Game object uses pygame to display and in the background it uses the class to work

It has a move function which takes the direction as input and moves the tiles in that direction
Possible directions are: 'up', 'down', 'left', 'right' which are represented by the 0, 2, 3, 1 respectively




In [4]:
game = Game()
game.render()

# close the game window when the user presses the close button
done = False
while not done:
    # game loop
    for event in pygame.event.get():
        if event.type == pygame.QUIT:
            pygame.display.quit()
            pygame.quit()
            print("Exiting...")
            done = True
        elif event.type == pygame.KEYDOWN:
            if event.key == pygame.K_r:
                game.reset()
                game.render()
            elif event.key == pygame.K_UP:
                if game.move(0)[0] == 1:
                    done = True
            elif event.key == pygame.K_RIGHT:
                if game.move(1)[0] == 1:
                    done = True
            elif event.key == pygame.K_DOWN:
                if game.move(2)[0] == 1:
                    done = True
            elif event.key == pygame.K_LEFT:
                if game.move(3)[0] == 1:
                    done = True
        else:
            continue

Exiting...


### Random moves simulation

Done to demonstrate the game is working properly


In [None]:
game = Game()
game.render()

done = False
while not done:
    for event in pygame.event.get():
        if event.type == pygame.QUIT:
            pygame.display.quit()
            pygame.quit()
            print("Exiting...")
            done = True
    pygame.time.delay(200)
    if game.move(random.randint(0, 3))[0] == 1:
        done = True
        

### Monte Carlo Tree Search (MCTS)
**Monte Carlo Tree Search (MCTS) Overview**

Monte Carlo Tree Search (MCTS) is a popular algorithm used in decision-making processes, particularly in artificial intelligence for games and optimization problems.

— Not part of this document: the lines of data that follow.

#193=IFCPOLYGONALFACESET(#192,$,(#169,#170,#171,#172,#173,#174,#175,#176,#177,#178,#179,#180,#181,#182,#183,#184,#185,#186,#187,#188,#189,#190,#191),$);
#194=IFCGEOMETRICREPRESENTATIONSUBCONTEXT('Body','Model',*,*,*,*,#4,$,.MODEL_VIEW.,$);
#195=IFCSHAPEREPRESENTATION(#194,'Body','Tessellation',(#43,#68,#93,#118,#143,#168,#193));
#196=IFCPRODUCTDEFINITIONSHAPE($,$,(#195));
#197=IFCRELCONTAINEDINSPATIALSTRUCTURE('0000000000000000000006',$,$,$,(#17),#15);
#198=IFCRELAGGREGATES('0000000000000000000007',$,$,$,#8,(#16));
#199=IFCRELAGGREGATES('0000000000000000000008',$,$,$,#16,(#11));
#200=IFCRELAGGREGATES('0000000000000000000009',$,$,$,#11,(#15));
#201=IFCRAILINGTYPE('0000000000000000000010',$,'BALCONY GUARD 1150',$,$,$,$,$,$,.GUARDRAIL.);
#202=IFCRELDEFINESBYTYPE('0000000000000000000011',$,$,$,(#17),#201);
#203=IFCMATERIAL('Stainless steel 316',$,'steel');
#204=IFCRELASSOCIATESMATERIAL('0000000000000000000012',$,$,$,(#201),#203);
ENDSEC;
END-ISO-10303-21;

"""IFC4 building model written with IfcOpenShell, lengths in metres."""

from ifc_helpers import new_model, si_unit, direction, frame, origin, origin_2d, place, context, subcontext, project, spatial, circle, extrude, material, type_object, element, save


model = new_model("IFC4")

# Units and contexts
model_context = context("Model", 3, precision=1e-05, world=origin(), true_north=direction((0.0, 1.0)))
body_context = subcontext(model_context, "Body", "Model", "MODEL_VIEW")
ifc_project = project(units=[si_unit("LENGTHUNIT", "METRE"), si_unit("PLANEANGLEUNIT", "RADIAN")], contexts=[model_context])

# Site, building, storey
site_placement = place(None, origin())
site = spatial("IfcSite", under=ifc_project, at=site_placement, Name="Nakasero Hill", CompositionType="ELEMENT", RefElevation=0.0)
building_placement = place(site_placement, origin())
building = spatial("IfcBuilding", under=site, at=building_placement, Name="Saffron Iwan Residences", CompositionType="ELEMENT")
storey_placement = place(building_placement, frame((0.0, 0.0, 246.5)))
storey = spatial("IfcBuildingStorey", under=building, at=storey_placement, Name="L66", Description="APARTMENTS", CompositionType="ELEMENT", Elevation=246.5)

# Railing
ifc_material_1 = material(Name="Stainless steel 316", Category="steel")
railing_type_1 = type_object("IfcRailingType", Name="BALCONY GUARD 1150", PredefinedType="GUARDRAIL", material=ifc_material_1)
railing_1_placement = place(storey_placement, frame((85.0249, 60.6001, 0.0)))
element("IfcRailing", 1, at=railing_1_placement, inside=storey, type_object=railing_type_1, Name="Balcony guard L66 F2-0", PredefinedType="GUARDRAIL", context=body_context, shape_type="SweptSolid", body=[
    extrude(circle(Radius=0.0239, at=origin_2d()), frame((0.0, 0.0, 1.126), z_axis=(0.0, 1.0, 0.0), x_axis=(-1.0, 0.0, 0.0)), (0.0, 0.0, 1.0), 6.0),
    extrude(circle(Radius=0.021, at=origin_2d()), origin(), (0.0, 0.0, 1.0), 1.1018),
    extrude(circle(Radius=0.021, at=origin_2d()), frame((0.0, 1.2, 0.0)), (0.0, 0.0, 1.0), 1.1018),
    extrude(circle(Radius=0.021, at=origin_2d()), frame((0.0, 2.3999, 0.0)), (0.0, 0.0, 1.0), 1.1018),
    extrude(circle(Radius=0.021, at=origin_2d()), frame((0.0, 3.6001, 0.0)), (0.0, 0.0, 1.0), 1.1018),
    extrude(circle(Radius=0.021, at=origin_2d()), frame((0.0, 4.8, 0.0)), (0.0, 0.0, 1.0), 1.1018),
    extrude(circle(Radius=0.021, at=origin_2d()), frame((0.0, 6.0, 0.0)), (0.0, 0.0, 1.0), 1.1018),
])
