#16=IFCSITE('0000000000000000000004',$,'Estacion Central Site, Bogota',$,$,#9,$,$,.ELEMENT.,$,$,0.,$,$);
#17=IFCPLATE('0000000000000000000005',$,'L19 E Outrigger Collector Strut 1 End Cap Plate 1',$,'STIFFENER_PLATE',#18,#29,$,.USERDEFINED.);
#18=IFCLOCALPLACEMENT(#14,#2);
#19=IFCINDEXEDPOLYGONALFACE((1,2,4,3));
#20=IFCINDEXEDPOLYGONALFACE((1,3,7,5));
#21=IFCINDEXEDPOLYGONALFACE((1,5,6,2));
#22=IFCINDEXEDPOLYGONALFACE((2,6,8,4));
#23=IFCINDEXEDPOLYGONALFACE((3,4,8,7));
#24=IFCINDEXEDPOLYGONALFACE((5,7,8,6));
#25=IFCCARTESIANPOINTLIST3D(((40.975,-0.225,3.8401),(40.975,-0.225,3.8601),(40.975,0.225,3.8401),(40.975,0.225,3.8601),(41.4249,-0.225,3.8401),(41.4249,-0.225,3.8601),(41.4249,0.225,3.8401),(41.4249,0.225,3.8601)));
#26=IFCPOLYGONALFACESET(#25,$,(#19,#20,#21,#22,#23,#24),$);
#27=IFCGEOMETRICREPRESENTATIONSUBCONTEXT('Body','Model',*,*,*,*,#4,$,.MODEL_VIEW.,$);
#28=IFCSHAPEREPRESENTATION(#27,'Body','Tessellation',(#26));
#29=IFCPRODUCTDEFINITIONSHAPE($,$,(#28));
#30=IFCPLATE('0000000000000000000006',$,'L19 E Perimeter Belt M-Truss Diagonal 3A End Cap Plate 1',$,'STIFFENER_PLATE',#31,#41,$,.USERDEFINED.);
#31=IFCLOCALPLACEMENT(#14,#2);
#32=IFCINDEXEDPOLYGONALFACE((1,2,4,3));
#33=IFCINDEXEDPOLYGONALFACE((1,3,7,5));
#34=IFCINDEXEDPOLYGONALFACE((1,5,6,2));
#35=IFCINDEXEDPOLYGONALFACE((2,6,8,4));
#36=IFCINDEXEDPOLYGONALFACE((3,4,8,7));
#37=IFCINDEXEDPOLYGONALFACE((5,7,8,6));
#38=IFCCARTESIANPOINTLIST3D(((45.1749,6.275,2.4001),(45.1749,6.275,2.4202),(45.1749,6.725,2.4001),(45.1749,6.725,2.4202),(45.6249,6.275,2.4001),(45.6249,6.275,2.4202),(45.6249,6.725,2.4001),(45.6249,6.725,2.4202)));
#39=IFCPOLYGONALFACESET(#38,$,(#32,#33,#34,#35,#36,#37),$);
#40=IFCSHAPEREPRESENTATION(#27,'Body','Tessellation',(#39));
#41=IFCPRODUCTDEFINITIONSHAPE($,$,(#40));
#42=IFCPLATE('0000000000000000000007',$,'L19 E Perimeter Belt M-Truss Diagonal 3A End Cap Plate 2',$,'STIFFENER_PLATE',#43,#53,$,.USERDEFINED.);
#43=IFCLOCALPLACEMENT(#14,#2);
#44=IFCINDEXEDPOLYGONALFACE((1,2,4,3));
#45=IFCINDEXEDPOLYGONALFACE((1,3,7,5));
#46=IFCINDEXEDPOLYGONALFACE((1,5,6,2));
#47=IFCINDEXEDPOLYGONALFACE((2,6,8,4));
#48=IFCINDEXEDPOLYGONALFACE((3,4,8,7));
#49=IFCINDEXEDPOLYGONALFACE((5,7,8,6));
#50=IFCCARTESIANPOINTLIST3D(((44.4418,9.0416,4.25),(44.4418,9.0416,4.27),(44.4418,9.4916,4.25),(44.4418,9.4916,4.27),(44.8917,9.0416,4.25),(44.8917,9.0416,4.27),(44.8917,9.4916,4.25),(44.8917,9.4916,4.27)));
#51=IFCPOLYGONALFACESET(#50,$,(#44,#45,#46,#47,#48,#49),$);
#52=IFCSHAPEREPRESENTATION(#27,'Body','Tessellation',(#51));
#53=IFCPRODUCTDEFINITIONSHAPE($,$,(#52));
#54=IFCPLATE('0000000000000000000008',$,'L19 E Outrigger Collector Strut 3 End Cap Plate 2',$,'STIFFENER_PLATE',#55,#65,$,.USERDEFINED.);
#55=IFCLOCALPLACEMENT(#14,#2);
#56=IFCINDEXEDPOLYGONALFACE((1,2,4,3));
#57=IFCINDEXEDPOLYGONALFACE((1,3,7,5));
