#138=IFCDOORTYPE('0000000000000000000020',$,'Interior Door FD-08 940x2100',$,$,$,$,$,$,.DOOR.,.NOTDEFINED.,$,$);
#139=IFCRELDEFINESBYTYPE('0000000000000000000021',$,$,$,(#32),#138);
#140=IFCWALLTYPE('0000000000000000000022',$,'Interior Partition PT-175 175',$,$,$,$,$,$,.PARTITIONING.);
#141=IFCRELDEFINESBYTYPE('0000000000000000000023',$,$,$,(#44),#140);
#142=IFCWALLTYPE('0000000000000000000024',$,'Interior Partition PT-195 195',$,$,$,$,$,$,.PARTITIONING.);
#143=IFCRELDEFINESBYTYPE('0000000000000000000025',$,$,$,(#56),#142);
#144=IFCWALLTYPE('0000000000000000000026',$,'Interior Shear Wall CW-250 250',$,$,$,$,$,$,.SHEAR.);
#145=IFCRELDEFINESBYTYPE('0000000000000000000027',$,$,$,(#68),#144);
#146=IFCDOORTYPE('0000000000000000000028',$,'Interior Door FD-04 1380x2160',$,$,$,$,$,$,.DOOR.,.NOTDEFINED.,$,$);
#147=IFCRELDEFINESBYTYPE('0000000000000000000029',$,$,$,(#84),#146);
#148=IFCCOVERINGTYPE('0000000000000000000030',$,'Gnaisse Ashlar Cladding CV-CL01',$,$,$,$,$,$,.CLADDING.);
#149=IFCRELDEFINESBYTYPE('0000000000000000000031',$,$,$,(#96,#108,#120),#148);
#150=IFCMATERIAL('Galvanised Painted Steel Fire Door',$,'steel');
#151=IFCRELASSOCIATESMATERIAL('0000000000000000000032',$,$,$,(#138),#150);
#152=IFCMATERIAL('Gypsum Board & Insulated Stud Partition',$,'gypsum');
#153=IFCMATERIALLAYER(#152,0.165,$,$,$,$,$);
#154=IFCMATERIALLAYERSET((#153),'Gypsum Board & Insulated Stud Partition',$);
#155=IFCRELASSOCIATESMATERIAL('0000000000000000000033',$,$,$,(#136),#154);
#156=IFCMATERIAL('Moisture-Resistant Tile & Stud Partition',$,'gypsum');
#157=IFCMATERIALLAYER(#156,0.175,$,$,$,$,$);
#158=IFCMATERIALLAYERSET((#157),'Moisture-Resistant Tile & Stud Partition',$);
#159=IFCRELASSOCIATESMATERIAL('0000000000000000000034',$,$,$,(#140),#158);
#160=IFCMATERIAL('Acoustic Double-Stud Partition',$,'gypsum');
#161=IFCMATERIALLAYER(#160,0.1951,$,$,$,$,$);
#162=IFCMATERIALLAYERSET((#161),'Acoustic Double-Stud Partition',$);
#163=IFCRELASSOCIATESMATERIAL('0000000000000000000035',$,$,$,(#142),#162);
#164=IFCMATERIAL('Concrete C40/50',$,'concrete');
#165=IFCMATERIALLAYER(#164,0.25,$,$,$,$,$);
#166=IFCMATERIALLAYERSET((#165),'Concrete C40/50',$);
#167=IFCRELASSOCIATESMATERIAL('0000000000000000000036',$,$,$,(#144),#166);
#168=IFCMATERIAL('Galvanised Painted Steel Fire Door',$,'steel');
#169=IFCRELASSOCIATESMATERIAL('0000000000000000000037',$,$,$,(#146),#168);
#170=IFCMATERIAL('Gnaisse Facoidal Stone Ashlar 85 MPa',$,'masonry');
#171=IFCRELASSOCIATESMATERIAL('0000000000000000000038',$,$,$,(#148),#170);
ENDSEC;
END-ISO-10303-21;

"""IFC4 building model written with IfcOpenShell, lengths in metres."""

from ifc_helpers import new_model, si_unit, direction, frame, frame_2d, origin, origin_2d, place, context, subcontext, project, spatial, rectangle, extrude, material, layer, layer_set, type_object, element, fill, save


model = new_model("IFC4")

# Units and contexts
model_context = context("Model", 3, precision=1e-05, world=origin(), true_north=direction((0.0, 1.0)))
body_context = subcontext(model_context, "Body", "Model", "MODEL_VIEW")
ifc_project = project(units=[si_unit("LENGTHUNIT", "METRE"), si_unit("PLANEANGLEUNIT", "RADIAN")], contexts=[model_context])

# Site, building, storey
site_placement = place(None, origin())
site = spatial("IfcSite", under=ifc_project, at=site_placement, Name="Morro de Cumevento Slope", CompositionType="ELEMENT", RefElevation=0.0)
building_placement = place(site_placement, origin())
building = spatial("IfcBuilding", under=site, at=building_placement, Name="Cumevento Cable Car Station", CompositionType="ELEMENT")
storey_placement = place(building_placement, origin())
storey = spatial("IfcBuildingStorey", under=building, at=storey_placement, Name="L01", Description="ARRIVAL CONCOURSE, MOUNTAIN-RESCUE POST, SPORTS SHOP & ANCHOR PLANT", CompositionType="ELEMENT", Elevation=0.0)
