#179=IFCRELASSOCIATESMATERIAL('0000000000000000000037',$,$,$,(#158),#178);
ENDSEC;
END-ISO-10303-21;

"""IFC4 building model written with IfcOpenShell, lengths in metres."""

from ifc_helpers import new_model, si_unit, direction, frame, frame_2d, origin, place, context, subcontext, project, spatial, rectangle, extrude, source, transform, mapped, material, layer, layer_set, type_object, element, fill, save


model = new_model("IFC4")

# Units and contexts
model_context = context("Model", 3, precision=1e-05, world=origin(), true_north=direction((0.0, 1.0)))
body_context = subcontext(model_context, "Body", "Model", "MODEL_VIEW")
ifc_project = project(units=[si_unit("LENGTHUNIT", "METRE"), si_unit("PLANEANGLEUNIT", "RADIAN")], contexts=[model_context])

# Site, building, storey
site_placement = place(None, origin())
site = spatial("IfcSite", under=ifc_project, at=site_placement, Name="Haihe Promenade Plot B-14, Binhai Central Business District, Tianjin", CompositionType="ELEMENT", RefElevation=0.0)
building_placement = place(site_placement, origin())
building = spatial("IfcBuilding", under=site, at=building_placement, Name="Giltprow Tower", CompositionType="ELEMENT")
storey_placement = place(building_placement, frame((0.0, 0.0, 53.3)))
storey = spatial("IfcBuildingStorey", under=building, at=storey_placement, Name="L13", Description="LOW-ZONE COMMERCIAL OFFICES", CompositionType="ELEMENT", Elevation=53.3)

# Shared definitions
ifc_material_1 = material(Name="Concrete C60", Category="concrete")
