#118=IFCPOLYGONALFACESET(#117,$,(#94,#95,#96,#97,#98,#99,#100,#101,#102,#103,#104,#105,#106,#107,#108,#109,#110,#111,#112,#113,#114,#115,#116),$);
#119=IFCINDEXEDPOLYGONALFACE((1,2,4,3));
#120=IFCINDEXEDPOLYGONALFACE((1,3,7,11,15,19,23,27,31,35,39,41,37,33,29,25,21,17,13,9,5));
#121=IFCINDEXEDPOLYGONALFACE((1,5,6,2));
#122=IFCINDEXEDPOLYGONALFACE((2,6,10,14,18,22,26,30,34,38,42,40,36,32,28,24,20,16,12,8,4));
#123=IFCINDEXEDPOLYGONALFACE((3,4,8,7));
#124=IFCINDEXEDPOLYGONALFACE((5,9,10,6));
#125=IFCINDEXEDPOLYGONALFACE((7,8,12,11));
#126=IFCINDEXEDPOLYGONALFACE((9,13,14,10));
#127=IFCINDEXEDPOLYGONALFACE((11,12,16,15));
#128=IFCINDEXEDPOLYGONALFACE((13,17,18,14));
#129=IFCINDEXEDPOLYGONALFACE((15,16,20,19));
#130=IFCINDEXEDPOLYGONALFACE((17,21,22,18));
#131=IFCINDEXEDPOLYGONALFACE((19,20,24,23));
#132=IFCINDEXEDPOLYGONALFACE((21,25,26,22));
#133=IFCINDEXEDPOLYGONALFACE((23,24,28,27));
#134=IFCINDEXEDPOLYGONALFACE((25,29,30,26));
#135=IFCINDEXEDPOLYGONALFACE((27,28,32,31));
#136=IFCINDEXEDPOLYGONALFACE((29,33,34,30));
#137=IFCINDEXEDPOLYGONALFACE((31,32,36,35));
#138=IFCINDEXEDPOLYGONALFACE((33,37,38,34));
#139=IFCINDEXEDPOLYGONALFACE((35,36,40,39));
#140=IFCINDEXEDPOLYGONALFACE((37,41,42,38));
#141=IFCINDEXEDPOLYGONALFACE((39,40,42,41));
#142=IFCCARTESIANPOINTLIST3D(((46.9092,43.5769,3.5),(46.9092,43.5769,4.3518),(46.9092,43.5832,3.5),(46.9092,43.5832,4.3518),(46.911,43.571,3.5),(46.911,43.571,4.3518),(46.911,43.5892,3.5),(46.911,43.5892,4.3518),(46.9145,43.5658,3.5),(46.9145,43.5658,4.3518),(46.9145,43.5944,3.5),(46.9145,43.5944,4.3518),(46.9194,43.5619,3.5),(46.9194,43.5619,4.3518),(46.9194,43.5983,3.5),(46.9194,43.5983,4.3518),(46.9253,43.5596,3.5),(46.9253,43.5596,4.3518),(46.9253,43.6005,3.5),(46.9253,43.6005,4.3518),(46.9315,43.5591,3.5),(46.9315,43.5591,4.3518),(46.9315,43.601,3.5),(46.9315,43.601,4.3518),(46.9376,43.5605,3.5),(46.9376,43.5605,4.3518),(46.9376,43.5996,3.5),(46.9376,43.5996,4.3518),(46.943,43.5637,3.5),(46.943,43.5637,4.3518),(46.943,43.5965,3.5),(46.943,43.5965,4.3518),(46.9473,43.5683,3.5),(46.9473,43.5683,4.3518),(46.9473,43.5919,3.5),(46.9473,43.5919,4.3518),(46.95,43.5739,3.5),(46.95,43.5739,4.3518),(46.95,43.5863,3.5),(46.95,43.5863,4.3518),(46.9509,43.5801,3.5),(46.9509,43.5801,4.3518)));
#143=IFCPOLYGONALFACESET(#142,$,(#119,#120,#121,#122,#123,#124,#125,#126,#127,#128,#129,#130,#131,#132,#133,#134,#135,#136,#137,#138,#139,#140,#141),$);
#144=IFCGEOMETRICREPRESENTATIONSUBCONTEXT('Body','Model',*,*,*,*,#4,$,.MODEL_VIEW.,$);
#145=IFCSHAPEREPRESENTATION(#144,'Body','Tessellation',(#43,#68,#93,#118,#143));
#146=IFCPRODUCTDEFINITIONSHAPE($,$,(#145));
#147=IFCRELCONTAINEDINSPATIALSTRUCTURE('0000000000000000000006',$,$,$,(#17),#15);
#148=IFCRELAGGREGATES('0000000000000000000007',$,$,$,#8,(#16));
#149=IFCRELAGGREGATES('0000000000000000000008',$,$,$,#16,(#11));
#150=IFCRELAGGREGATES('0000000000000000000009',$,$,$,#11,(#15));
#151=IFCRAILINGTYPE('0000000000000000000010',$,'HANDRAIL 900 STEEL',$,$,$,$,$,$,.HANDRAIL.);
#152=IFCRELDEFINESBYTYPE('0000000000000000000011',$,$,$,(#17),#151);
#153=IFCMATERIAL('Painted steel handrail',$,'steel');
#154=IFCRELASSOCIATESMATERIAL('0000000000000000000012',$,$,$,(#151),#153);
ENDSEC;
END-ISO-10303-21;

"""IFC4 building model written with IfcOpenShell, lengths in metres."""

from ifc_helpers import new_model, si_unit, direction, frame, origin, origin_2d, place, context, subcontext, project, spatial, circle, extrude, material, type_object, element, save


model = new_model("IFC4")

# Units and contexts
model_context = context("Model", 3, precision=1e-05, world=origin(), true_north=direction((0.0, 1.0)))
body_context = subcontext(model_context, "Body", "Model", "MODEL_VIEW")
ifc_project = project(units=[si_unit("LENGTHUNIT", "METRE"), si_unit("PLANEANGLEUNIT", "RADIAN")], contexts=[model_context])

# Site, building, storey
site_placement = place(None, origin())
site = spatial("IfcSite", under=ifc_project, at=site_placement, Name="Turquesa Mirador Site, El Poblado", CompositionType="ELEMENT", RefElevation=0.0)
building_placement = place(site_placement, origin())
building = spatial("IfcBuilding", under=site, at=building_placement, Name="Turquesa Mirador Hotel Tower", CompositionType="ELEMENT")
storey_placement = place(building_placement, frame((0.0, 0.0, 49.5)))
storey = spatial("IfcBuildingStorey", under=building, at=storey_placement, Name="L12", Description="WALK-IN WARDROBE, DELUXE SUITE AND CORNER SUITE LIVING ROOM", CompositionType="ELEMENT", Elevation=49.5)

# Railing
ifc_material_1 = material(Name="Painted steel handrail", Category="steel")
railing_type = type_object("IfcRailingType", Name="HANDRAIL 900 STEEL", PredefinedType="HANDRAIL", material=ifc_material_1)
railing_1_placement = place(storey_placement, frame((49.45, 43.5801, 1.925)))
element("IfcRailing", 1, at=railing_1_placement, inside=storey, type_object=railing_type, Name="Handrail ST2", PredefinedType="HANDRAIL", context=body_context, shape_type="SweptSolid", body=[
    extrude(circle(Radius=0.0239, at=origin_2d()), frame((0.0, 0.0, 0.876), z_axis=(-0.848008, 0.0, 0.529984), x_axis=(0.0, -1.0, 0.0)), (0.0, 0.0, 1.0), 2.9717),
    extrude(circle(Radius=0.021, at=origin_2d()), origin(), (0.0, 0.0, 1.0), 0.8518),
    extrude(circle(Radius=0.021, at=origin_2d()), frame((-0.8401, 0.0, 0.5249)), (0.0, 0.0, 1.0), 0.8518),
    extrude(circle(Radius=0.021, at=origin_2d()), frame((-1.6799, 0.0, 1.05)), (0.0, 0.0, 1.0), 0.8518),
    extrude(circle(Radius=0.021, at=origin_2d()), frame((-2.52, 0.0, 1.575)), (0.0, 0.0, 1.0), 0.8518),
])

It is commonly employed when the full state space is too vast to explore exhaustively.

### Key Concepts:

1. **Tree Search:**
   - MCTS builds a tree structure representing possible sequences of moves in a game or actions in a decision-making scenario.

2. **Monte Carlo Simulation:**
   - The algorithm relies on random sampling (Monte Carlo simulations) to explore parts of the decision space, gradually refining its understanding of the most promising choices.

3. **Four Key Steps:**
   - **Selection:** Starting from the root of the tree, traverse down the tree based on certain criteria (often using UCT - Upper Confidence Bounds for Trees) to find a promising node.
   - **Expansion:** Expand the selected node by adding one or more child nodes representing possible moves or actions.
   - **Simulation:** Conduct a Monte Carlo simulation from the newly added node. This involves making random moves or decisions until a terminal state is reached.
   - **Backpropagation:** Update the statistics (e.g., visit count, total reward) of the nodes visited during the simulation. Propagate this information up the tree.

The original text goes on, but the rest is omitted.